The judge said that during the course of the investigation, a larger conspiracy was discernible and if there was prima facie evidence of the existence of a conspiracy, the proof of acts and statements made by any one of the conspirators in furtherance of the common object was admissible against all.

The court said that even if there were no direct acts of violence attributable to the accused (Zargar), she could not shy away from her liability under the provisions of the anti-terror law.

It further said that there was prima facie evidence to show there was a conspiracy to at least block roads.

Keeping in mind her “precarious medical condition”, the court asked the Tihar jail superintendent to provide adequate medical aid and assistance to her.

Zargar, an MPhil student, is 21 weeks pregnant and currently lodged in Tihar jail under judicial custody in the case.

Her lawyer said Zargar was also suffering from polycystic ovarian disorder and had a reported history of urinary tract infection and her condition had become all the more vulnerable due to the pandemic.

The court said in its order that “any activity which has a tendency to create a disorder or disturbance of law and order to such an extent that the entire city is brought to its knees and the entire government machinery is brought to a grinding halt, would obviously be treated as an unlawful activity”.

The court concurred with Zargar’s counsel that free flow of ideas and dissent through peaceful protests constituted the foundation of a strong and vibrant democracy, but said protests or demonstrations were not an absolute right.

During the hearing held through video-conferencing, police told the court that Zargar had allegedly given “inflammatory speeches” to instigate a mob that led to the riots in February.

Zargar’s counsel said the investigating agency was creating a “false narrative” to implicate innocent students who did not approve of the government’s policy or legislation.

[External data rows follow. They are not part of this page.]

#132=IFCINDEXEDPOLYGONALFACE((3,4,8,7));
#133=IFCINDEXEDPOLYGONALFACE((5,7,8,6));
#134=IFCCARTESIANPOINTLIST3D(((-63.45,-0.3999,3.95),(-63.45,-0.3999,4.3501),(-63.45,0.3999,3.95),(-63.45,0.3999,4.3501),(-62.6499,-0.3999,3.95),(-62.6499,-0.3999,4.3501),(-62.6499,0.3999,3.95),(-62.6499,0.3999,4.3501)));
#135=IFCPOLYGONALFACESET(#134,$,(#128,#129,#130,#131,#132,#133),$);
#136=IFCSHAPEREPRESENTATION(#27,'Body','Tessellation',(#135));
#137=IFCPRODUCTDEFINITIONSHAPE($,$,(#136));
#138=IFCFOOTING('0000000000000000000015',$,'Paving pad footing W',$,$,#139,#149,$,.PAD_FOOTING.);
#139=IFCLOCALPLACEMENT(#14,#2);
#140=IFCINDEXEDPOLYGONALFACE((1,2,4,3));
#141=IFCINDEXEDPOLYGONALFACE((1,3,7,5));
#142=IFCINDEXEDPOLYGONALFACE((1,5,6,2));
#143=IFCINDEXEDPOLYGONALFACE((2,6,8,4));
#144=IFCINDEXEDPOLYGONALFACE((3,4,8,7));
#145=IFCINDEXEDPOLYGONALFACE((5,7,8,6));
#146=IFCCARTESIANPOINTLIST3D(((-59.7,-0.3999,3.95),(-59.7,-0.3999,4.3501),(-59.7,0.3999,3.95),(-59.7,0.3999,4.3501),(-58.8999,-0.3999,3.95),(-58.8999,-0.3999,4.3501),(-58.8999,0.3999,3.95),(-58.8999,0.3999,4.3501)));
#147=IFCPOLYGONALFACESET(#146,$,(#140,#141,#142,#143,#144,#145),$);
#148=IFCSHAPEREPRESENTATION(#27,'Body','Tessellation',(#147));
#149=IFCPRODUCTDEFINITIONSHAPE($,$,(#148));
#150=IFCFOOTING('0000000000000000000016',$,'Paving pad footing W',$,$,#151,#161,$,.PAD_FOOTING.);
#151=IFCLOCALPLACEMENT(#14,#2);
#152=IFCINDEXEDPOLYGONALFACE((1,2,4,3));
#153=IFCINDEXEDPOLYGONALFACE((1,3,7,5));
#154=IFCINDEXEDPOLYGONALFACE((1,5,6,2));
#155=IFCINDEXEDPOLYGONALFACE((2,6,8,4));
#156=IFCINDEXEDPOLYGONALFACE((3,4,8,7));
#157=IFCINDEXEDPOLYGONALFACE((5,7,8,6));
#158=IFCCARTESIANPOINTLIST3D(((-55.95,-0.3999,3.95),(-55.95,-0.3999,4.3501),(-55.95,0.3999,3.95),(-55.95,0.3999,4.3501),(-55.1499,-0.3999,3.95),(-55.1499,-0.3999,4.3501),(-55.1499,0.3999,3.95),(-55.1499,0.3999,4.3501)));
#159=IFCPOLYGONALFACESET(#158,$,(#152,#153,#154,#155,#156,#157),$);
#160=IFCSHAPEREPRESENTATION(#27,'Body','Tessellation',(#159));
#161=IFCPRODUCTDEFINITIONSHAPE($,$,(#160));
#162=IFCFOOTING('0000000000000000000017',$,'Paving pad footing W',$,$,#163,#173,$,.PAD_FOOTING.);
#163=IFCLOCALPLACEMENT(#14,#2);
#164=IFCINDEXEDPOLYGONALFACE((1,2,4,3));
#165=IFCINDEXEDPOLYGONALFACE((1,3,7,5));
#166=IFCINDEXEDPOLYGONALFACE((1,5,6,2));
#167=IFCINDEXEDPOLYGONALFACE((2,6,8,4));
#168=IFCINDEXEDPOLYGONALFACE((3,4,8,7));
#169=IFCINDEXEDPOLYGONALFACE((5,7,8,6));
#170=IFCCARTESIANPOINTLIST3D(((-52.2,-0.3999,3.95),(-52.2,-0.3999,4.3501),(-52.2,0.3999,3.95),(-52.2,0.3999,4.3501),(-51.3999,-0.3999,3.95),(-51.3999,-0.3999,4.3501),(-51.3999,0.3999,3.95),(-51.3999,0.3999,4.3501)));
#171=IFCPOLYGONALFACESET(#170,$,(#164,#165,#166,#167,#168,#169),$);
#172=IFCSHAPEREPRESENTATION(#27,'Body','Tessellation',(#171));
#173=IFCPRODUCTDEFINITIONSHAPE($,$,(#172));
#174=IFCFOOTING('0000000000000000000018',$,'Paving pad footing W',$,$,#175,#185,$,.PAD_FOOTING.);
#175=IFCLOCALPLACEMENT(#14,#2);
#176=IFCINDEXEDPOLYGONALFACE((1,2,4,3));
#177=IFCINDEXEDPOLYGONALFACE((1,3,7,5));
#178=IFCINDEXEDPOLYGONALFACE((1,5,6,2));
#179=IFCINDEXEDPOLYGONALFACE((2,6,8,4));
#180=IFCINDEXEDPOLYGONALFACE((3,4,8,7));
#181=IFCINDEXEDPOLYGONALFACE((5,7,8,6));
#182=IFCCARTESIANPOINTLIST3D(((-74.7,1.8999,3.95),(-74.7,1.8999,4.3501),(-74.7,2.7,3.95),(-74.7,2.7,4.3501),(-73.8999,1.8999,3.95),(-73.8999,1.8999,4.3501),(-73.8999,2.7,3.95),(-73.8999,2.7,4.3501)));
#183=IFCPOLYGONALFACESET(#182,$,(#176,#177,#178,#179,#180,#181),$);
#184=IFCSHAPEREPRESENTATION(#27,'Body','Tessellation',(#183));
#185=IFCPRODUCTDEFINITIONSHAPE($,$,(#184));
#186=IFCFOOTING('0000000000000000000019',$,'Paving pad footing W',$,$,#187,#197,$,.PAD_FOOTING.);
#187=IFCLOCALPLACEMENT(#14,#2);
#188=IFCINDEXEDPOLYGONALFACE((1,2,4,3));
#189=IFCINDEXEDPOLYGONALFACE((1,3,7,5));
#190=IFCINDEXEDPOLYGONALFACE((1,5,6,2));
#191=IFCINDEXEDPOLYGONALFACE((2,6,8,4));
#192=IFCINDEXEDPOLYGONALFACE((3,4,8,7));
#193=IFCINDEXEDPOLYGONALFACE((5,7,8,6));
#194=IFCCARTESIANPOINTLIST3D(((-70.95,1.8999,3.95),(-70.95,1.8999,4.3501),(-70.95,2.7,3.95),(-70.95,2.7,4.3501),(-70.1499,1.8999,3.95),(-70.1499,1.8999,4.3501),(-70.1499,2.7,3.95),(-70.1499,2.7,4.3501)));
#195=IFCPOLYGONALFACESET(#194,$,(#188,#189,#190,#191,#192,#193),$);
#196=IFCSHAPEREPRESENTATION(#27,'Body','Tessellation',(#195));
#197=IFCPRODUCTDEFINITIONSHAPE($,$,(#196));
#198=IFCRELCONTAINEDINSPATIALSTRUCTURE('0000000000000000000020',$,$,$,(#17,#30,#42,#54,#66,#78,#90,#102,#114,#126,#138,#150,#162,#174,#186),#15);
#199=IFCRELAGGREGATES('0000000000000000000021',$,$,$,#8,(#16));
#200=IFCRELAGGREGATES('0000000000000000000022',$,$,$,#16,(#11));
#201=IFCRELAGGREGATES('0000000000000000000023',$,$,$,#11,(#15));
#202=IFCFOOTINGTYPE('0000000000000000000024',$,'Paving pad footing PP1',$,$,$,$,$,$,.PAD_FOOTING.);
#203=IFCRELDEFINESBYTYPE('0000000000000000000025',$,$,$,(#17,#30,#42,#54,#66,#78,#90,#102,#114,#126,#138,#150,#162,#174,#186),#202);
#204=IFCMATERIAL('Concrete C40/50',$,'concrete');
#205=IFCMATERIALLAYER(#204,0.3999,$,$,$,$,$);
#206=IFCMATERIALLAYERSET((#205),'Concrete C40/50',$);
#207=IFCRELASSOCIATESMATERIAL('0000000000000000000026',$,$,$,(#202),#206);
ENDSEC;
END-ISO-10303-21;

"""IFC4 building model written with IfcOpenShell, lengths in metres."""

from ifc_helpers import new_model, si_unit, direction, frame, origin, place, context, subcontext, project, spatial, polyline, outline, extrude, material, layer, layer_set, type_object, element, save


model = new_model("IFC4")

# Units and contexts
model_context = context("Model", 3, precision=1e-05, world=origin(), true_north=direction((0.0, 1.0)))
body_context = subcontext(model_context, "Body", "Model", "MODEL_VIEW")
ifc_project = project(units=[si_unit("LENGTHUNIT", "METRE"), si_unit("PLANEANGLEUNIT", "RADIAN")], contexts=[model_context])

“Zargar is an absolutely innocent lady who simply holds a divergent view on the Citizenship Amendment Act. Merely holding a divergent view is no offence and by no stretch of imagination can she be brandished as a terrorist or targeted as an anti-national,” her lawyer said.

He said that dissent could not be stifled by resorting to the State’s coercive machinery. He told the court that Zargar was not present at the site of violence on February 24, which could be proved from her call details. In her absence, the alleged violence, if any, cannot be attributed to the accused, her counsel said, adding that she did deliver a speech at Khureji Khas on February 23 but it was not provocative or inflammatory.